IndianaTraveler said:


> We are ....have used it every year ... extended (not knowingly) for 30 more years...and that was 17 years ago. They say if we drop out they will go after our children.. my husband is in his late 70’s. Anyway, we went to a Vidanta meeting this week ...They offered to get us out of our current contract.....and sold us their membership for about half ......We still have the Mexican mandatory four days left to quit this and get our money back. I would like to hear any honest reviews .....
> Thank you.



1) I do not think Royal Holiday VC can go after your children / if you stop paying RH it possibly could effect your credit rating etc . <AFTER you have sorted out Vidanta - there are TUG threads that might be worth reading re those issues >

2) Vidanta has top quality resorts . They can be exchanged into via RCI , II , SFX etc / there is definitely  good exchange access from May - mid Dec since they have built for peak season & use by owners in peak season .They are a growing company and take excellent care of all their properties .

3) Vidanta can’t really “ get you out of the contract “ . What they are doing is having you sign paperwork with a transfer company that will likely try to sell  your Royal Holiday on ebay for $1 .
There is likely a cost to you (listed somewhere in the paperwork). If it does not sell - it could remain in your name as far as Royal Holiday is concerned .

4) The pay only if you use your Vidanta is legit .
Many / most of their contracts have worked this way since 2006.

5) The price your paying is the developer price . Any “trade in “ special price
is mostly smoke & mirrors .

6) READ what you signed very carefully and review . You have 4 days .


----------



## RX8 (Nov 23, 2019)

Rescind ASAP

I will start with an apology because, I admit, I am jaded by all of the shills that come on TUG.  Typically, people with serious questions about a timeshare purchase seeking honest feedback do not post questions and then add restrictions such as "helpful comments only".  That is something shills do.  If you are truly sincere, and not a shill like OP ByrneM, then rescind.  Timeshare salespeople lie.  Mexican timeshare salespeople would lie to their grandmother to make a sale.  Probably 80% of what they told you was a lie.  There are many stories about people trading in their timeshare only to find out later that their timeshare is in fact not traded in but rather is simply listed for sale with no buyers in sight. In essence, you still own it.

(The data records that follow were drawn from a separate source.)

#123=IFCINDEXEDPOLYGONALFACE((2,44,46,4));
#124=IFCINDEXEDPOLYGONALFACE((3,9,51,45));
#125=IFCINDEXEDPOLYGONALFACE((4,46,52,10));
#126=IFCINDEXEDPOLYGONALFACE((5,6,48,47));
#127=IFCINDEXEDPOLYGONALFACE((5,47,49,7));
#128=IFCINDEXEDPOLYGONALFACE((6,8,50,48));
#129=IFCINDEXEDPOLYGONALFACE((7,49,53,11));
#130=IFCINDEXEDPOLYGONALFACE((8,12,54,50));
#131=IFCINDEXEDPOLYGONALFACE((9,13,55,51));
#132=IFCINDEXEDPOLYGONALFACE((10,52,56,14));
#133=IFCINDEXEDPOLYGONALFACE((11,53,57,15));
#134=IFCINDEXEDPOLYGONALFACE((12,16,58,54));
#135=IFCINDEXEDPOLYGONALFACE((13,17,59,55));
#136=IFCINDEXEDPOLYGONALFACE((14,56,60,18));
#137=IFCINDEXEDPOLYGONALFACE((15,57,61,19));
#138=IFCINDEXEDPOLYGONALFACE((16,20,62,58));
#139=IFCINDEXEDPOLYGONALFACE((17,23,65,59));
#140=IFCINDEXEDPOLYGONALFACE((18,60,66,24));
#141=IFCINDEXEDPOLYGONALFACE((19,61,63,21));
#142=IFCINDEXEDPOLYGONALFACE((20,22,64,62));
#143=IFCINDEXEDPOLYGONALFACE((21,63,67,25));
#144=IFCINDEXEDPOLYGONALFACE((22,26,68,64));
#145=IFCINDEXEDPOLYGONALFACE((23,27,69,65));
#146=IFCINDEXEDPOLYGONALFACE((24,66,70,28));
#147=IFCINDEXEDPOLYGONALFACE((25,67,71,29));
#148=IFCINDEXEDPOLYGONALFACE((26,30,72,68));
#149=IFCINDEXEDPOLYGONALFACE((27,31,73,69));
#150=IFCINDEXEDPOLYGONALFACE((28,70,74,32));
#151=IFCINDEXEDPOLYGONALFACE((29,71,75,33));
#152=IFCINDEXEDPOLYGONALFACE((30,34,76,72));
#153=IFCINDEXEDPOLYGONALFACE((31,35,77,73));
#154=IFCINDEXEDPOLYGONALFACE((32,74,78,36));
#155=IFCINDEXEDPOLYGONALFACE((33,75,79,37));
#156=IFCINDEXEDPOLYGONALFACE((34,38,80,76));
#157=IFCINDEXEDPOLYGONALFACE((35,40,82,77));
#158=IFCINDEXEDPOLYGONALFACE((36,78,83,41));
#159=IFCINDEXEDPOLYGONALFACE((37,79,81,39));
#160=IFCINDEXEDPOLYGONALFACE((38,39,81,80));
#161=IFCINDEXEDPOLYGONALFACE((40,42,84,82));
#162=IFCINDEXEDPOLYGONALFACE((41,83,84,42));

BTW, shill ByrneM, AKA Marty B, copy/pasted their exact same post on Redweek two days after the original TUG post.

Here is a good thread
https://tugbbs.com/forums/index.php...rategy-from-timeshare-treadmill.261064/page-2


----------



## IndianaTraveler (Nov 23, 2019)

RX8 said:


> Rescind ASAP
> 
> I will start with an apology because, I admit, I am jaded by all of the shills that come on TUG.  Typically, people with serious questions about a timeshare purchase seeking honest feedback do not post questions and then add restrictions such as "helpful comments only".  That is something shills do.  If you are truly sincere, and not a shill like OP ByrneM, then rescind.  Timeshare salespeople lie.  Mexican timeshare salespeople would lie to their grandmother to make a sale.  Probably 80% of what they told you was a lie.  There are many stories about people trading in their timeshare only to find out later that their timeshare is in fact not traded in but rather is simply listed for sale with no buyers in sight. In essence, you still own it.
> 
> ...


I don’t even know what a shill is. I said helpful comments only because I didn’t want to be berated for asking for sincere advice. The first person who responded gave me helpful advice. If we rescind I am not sure how to ho about it.


----------



## IndianaTraveler (Nov 23, 2019)

T-Dot-Traveller said:


> 1) I do not think Royal Holiday VC can go after your children / if you stop paying RH it possibly could effect your credit rating etc . <AFTER you have sorted out Vidanta - there are TUG threads that might be worth reading re those issues >
> 
> 2) Vidanta has top quality resorts . They can be exchanged into via RCI , II , SFX etc / there is definitely  good exchange access from May - mid Dec since they have built for peak season & use by owners in peak season .They are a growing company and take excellent care of all their properties .
> 
> ...


----------



## IndianaTraveler (Nov 23, 2019)

T-Dot-Traveller said:


> 1) I do not think Royal Holiday VC can go after your children / if you stop paying RH it possibly could effect your credit rating etc . <AFTER you have sorted out Vidanta - there are TUG threads that might be worth reading re those issues >
> 
> 2) Vidanta has top quality resorts . They can be exchanged into via RCI , II , SFX etc / there is definitely  good exchange access from May - mid Dec since they have built for peak season & use by owners in peak season .They are a growing company and take excellent care of all their properties .
> 
> ...


Thank you for your reply. We think we would like Vidanta but I am very nervous about the RH part. They said we would only pay for the deed transfer. If we rescind, do we cancel our credit card down payment first or do we call Vidanta ? Thank you.


----------



## Karen G (Nov 23, 2019)

IndianaTraveler said:


> . If we rescind, do we cancel our credit card down payment first or do we call Vidanta ? Thank you.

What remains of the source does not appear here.